To improve the accessibility of cancer medications, amendments were made in the meeting to the payment regulations regarding 5 cancer drugs and additions were made to include one new drug into the healthcare package. The new measures are as follows: (1) Medications containing pembrolizumab are now endorsed for the treatment of patients with head and neck cancers and squamous cell lung cancer. For patients with head and neck cancers, such medications are more effective than the current standard treatment with overall survival prolonged by approximately 4.1 months and the duration of response prolonged by approximately 19.2 months. For patients with squamous cell lung cancer, taking these medications prolongs the overall survival by about 5.6 months, compared to the outcomes observed with chemotherapy. (2) Medications containing atezolizumab are now approved for the treatment of patients diagnosed with small cell lung cancer; small cell lung cancer is a highly invasive cancer with grim prognosis and the only available treatment at the moment is chemotherapy. The use of such medications prolongs the overall survival by about 2 months and reduces the mortality risk by 30%. Therefore, these medications have been listed as the recommended treatment in international guidelines. (3) Medications containing palbociclib and rebociclib are now indicated for the treatment of patients in perimenopause or menopause with metastatic breast cancer. This treatment is more effective than the current standard treatment prolonging the overall survival; the amendment also expands the range of  medication options to patients. (4) Medications containing larotrectinib are now indicated for the treatment of solid tumors with NTRK gene fusion. (5) Medications containing blinatumomab are now approved for the treatment of acute lymphoblastic leukemia and the addition of new medications containing zanubrutinib that can be used to treat mantle cell lymphoma and Waldenstrom's macroglobulinemia. It is estimated to benefit around 2,090 patients with the above-mentioned amendments, approximately NT$2.05 billion are invested for the medication expenses. This result in a financial impact of approximately NT$1.275 billion.

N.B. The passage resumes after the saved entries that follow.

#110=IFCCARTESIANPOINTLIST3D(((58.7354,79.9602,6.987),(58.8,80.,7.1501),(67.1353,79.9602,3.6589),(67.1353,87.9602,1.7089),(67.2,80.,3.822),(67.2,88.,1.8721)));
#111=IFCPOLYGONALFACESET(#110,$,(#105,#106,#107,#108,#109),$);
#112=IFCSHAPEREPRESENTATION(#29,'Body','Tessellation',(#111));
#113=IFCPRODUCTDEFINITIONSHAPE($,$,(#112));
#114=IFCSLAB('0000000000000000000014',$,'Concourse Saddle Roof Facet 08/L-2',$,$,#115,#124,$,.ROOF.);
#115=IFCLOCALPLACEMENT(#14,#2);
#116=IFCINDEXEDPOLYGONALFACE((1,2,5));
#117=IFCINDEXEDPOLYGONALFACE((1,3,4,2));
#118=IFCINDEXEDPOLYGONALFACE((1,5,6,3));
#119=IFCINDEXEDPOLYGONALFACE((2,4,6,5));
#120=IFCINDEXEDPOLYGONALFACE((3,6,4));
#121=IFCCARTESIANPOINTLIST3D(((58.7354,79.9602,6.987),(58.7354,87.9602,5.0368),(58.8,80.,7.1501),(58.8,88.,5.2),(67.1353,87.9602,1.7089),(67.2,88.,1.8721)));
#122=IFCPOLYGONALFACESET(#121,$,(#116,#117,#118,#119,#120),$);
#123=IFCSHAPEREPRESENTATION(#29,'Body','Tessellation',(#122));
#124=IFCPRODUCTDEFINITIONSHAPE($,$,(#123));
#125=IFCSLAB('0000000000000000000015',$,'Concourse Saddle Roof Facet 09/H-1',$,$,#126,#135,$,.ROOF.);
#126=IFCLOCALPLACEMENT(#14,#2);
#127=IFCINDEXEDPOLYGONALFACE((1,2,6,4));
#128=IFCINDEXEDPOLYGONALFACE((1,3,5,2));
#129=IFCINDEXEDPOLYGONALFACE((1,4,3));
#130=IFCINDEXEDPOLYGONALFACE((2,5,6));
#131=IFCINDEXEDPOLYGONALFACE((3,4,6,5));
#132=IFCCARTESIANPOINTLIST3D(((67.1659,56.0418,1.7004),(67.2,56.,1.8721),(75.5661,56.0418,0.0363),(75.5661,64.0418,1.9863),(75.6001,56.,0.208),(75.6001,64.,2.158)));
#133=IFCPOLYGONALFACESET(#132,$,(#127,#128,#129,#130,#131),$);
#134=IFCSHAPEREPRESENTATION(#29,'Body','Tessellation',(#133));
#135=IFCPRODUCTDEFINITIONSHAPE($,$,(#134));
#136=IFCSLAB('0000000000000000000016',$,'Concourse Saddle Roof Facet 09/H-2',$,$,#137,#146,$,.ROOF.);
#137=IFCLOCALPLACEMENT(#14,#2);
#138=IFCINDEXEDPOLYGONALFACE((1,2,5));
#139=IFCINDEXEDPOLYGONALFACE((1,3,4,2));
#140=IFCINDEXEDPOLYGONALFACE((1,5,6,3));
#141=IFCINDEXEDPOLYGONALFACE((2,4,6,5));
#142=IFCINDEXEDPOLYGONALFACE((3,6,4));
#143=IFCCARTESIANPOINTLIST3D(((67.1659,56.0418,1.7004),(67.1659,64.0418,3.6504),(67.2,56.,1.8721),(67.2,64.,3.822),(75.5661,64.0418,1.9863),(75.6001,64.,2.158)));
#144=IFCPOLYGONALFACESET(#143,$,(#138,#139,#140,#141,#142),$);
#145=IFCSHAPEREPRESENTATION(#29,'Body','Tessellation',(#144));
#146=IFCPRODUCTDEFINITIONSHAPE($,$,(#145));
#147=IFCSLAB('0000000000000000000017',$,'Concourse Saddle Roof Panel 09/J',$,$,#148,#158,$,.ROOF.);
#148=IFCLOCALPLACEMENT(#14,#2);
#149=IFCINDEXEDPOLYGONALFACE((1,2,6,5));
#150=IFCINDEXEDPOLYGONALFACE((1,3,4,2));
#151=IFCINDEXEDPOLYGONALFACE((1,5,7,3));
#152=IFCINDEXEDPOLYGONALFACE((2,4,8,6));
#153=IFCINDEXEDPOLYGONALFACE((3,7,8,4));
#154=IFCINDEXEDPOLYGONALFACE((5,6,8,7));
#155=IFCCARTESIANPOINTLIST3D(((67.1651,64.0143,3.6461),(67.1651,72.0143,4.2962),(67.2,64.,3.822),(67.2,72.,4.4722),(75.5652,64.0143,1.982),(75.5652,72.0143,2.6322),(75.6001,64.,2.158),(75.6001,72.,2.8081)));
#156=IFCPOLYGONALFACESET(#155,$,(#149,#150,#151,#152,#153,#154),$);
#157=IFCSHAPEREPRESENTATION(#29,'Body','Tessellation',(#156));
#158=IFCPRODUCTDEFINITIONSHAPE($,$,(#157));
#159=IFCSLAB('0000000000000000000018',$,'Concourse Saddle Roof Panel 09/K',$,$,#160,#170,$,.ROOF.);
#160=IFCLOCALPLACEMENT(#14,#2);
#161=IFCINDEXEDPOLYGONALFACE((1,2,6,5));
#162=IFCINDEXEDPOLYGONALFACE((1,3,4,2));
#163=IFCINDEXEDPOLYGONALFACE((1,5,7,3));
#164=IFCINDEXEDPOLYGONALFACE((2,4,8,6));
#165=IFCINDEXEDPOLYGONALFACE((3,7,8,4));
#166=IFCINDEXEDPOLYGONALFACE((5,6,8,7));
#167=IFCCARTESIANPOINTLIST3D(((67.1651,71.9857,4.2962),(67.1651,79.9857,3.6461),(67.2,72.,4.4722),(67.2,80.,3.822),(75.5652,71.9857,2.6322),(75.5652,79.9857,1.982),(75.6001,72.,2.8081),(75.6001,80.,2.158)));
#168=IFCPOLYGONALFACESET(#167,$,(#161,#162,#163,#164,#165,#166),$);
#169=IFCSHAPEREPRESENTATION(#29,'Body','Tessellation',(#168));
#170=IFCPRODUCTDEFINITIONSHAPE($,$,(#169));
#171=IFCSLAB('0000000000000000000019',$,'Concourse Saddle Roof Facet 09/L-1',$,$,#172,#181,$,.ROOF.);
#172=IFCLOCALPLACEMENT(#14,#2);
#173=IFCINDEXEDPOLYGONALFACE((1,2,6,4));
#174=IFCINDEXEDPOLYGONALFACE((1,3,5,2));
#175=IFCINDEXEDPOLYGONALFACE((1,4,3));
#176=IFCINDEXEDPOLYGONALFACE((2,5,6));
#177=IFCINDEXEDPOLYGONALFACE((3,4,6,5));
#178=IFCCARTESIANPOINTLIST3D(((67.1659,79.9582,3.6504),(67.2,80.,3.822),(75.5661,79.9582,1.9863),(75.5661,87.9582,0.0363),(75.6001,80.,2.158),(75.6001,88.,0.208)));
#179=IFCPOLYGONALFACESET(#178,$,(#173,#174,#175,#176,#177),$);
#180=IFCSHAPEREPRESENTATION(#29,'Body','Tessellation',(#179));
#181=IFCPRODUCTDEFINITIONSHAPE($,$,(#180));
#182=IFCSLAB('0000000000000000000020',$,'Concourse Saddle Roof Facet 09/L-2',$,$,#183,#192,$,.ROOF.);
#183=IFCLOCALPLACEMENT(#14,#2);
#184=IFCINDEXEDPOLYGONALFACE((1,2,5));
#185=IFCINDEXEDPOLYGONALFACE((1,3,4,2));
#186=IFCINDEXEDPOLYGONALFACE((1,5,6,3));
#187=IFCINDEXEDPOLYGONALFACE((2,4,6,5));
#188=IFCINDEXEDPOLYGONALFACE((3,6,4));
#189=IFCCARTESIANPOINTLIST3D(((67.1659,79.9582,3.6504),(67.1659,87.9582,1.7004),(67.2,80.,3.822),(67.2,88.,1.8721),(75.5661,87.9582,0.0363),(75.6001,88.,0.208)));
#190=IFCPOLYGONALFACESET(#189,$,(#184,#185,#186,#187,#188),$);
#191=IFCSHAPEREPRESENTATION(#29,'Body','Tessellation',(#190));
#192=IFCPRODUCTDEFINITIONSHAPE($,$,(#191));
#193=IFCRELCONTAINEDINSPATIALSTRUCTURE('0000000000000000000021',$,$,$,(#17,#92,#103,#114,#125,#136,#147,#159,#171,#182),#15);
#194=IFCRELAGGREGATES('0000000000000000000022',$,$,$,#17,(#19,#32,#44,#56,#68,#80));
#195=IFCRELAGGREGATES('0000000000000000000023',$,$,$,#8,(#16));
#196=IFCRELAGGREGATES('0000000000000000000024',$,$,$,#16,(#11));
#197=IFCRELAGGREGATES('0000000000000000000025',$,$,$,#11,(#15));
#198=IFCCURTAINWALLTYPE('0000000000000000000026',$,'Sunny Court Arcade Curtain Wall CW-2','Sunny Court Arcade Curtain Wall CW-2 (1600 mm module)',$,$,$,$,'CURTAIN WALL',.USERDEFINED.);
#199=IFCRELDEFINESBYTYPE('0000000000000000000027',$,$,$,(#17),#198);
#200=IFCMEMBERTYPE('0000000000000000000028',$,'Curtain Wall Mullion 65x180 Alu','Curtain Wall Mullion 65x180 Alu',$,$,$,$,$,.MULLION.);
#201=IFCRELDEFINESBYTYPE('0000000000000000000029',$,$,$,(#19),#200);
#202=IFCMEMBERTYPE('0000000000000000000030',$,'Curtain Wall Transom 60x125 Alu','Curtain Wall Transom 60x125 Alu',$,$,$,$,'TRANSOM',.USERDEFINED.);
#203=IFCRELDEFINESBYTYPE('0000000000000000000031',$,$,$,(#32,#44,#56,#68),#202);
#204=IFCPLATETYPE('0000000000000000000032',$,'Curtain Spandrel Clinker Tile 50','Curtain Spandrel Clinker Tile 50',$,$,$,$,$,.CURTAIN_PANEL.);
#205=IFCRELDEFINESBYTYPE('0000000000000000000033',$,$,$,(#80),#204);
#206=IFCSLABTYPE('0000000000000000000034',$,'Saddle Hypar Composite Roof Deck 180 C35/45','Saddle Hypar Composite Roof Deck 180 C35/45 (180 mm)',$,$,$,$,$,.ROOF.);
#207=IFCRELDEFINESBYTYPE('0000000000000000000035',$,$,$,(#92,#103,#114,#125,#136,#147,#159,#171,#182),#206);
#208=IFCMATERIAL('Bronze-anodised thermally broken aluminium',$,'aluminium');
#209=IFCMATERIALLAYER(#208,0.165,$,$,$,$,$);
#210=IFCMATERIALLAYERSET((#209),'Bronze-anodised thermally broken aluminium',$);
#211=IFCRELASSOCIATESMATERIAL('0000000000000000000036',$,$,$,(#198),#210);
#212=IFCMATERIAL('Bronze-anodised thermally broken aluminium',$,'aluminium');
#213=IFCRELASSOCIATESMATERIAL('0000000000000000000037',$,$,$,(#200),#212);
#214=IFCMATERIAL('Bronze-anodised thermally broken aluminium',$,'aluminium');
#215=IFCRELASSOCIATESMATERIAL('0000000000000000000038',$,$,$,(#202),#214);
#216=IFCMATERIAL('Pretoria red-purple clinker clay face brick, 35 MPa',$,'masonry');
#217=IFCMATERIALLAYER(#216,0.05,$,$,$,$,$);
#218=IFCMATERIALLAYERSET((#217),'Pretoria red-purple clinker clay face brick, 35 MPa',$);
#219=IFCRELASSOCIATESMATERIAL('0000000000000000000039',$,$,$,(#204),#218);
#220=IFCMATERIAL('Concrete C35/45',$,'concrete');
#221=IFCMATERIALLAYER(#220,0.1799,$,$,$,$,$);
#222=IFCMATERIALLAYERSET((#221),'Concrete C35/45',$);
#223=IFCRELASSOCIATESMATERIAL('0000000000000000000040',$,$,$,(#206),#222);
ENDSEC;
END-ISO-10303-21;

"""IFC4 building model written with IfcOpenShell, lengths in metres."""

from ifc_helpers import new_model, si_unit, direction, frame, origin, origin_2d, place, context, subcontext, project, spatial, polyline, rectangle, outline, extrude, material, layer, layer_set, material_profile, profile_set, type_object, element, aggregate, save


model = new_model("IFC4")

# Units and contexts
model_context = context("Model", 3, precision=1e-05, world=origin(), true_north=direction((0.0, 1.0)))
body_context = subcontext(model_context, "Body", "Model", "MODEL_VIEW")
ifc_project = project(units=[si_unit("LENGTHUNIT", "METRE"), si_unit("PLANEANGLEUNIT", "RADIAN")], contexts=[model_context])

In addition to patients with cancer, the NHIA is equally concerned with the accessibility of new drugs for patients with various diseases. To take care of patients with rare diseases, a new measure of including medications containing luspatercept to treat β-thalassaemia was passed in the meeting. Presently, the only available treatment for patients with β-thalassaemia involves lifelong regular blood transfusions and iron chelators, there is no alternative treatments. This new medication significantly reduces the impacts of blood transfusion on patients. The annual medication expense per person is approximately NT$1.09 million and the addition of new medications is expected to benefit about 299 patients.

Chronic PF-ILD affects the functions of patients' lung and causes dyspnea. Moreover, there is no medications for effective treatments so far. To ensure the quality of life for the patients, amendments were made in the meeting to extend the use of medications containing nintedanib for patients with chronic PF-ILD, because the medication significantly reduces the deterioration of lung functions. The annual medication expense per person is approximately NT$64 thousand and around 1,300 patients are expected to benefit from the new measures.

The NHIA said that the resolutions of the meeting benefit various groups including children, patients with cancer, and patients with rare diseases. The objective of the meeting is to maximize benefits with limited resources through optimal distribution. The NHIA shall continuously dedicate to working with all the representatives in the Pharmaceutical Benefit and Reimbursement Scheme Joint Committee (including the experts, medical organizations, representatives of the payers, patients' organizations, and representatives of the pharmaceutical industry) to include more patients and maximize the benefits of the reimbursement scheme.